[fedora-arm] Fedora 20 for Raspberry Pi????

Gordan Bobic gordan at bobich.net
Mon Dec 30 11:41:52 UTC 2013


On 12/30/2013 10:08 AM, Steve Underwood wrote:
> On 12/28/2013 12:27 AM, Gordan Bobic wrote:
>> On 12/27/2013 04:02 PM, Richard W.M. Jones wrote:
>>> On Fri, Dec 27, 2013 at 09:53:54AM +0000, Gordan Bobic wrote:
>>>> How is transparent alignment fixup going to give you back the
>>>> performance you lose from accesses straddling cache lines?
>>>
>>> You can have structs straddling cache lines and causing performance
>>> problems without alignment issues, or structs being packed too close
>>> together causing false sharing again w/o alignment being involved.
>>>
>>> If alignment problems cause performance issues, then we should deal
>>> with those performance problems.  If they don't, we shouldn't worry
>>> about them.
>>>
>>> Rich.
>>>
>>> ObHack: I once worked with an architecture [68k-based VME hardware]
>>> that not only faulted on unaligned access, but also on accesses of the
>>> wrong *size* (eg. using a short-sized read instruction instead of a
>>> word-sized read instruction).  Dealing with that nonsense involved a
>>> lot of compiler-specific massaging of code and some inline assembly ...
>>
>> I'm very glad you mentioned compilers - this is in fact easily fixable
>> at compiler level. Intel's ICC has an option to make all arrays and
>> structs always aligned to a boundary (up to 16 byte, IIRC). If GCC
>> were to implement such a feature the problem could be made to go away
>> without actually addressing the underlying cause of the problem. It
>> might be a bodge, but since complete fix of the underlying problem
>> isn't going to happen anyway, a good bodge would be a lot better than
>> doing nothing.
>>
>> Gordan
>>
> How does this in any way related to the alignment problem? All C
> compilers align arrays and structures in sensible ways by default. They
> have to. Its a requirement of the C language. Problems come from things
> like pointing directly at elements in  communication structures, which
> may not be naturally aligned. They can also come from overriding the
> default alignment of arrays and structures, which most compilers permit
> these days, with a varierty of constructs like "#pragma pack(1)"

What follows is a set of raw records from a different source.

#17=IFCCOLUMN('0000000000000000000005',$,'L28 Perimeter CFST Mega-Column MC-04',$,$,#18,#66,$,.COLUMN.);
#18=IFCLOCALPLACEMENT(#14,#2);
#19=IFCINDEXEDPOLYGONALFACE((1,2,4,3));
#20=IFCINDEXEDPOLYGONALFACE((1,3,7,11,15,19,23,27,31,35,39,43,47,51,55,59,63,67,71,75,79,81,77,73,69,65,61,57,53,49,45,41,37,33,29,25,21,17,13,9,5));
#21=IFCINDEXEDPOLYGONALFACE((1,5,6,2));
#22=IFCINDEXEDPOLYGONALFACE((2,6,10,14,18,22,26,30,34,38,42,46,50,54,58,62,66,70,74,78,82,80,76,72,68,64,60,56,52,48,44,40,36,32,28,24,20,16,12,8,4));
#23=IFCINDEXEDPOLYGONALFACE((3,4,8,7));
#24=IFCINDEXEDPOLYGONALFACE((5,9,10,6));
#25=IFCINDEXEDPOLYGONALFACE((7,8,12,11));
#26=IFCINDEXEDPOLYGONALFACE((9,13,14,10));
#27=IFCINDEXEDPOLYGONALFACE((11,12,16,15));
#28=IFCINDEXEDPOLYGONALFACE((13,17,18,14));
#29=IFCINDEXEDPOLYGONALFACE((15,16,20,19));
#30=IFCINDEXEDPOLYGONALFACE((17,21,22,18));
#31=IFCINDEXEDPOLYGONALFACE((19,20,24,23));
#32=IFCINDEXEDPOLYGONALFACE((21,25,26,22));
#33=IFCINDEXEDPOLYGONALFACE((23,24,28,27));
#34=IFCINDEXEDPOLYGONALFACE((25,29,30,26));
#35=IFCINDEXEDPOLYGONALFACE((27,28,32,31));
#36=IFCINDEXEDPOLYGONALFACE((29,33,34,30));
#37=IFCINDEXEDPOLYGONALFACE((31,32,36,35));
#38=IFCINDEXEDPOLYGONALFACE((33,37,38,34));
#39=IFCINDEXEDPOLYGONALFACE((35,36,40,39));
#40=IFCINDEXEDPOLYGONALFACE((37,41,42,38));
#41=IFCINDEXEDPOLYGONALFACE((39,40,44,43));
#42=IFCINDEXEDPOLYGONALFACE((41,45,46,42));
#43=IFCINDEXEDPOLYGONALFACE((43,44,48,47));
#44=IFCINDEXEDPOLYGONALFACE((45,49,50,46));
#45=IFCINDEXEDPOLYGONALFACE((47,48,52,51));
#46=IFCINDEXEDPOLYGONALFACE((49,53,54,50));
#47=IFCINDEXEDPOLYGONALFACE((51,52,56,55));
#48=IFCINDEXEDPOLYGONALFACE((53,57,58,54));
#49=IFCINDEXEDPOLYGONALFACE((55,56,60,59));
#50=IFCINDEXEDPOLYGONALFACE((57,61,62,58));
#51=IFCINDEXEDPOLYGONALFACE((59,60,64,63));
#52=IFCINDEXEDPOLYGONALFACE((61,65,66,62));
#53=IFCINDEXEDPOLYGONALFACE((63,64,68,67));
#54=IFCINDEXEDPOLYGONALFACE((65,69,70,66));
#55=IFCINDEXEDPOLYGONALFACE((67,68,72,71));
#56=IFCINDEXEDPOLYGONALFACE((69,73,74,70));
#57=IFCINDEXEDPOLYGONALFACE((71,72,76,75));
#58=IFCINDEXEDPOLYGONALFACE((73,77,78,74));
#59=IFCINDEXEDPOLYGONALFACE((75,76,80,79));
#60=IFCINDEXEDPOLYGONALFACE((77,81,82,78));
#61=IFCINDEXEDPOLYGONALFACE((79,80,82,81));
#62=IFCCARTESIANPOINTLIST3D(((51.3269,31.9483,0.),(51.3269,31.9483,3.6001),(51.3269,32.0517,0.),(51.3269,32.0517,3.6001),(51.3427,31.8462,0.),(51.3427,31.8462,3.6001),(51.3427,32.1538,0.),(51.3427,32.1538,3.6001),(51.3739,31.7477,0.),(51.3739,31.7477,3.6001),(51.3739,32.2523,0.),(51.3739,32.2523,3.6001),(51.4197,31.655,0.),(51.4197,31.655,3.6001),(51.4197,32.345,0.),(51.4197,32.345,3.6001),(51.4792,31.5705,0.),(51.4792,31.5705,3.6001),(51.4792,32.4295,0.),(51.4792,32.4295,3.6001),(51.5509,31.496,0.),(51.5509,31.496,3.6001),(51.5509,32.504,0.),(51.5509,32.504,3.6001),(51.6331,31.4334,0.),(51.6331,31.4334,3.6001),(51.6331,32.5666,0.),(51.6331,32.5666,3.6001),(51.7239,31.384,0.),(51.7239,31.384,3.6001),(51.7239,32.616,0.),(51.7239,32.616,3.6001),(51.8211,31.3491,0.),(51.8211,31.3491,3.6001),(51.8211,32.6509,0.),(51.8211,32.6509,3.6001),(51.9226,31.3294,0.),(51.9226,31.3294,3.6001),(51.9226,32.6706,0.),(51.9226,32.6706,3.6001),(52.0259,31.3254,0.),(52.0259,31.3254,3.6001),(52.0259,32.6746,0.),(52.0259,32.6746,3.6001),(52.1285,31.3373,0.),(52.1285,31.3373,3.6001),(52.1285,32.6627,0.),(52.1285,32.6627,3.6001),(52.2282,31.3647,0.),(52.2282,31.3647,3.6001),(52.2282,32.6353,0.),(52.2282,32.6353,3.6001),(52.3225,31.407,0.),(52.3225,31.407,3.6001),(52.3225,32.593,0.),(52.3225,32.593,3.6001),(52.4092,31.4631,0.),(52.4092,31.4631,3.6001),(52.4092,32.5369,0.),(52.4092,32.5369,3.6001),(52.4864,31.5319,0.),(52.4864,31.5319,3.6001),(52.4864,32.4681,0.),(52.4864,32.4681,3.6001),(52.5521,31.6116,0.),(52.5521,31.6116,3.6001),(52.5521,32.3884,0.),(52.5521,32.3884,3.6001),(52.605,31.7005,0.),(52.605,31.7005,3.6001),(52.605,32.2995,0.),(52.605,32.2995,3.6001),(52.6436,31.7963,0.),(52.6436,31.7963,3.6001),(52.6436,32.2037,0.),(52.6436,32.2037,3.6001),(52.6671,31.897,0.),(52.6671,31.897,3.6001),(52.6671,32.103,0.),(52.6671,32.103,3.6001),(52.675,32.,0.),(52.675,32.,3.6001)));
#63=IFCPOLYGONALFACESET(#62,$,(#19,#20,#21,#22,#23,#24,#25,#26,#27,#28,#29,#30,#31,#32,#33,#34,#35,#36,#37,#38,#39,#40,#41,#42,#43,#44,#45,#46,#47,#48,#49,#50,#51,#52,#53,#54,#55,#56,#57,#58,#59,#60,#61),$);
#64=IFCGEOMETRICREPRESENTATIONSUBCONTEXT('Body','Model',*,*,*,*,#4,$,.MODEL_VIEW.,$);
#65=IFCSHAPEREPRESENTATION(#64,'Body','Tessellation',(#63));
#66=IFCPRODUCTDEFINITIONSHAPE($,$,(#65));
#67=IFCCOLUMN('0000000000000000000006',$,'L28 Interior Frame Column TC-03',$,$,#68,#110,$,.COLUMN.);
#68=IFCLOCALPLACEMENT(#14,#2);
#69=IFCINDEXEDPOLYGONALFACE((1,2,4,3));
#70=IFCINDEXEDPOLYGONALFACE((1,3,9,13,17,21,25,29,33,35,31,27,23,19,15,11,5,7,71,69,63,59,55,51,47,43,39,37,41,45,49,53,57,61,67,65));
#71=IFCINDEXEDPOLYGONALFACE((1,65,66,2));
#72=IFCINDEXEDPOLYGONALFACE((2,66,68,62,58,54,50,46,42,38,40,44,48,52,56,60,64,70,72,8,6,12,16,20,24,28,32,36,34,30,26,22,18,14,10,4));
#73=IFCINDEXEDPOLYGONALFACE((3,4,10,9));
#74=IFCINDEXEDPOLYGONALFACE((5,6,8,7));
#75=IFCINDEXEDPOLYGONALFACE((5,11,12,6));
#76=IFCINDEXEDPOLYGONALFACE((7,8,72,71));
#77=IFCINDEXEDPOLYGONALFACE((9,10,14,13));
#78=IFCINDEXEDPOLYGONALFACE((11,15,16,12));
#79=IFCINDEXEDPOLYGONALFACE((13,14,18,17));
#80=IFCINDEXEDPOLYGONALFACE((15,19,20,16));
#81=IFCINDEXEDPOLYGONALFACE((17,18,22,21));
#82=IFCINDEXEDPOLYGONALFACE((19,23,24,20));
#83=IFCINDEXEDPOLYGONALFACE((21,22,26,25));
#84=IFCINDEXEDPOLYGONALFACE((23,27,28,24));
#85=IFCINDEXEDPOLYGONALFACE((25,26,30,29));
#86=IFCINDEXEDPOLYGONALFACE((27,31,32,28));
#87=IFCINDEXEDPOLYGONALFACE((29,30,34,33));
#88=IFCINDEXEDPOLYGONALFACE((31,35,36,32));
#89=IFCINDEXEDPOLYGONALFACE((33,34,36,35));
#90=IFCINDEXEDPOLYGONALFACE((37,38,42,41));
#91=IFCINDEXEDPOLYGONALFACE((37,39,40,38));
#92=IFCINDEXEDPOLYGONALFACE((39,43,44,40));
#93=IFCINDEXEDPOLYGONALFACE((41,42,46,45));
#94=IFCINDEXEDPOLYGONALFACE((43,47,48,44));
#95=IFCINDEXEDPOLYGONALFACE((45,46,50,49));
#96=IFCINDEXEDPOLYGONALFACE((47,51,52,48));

It's related because char[] is byte aligned rather than word-aligned. In 
some cases (e.g. e2fsprogs) a buffer is declared as char[4096], which 
means that when it's cast into a struct, struct elements won't be 
suitably aligned. If the compiler were to align all arrays to a 16-byte 
boundary, this wouldn't be an issue.

I accept that in some cases, having arrays and structures unaligned may 
be useful (e.g. wire protocol packet parsing), but in most cases it 
seems to be just lazy or uninformed programming. In those cases the 
compiler aligning everything to a 16-byte boundary would help.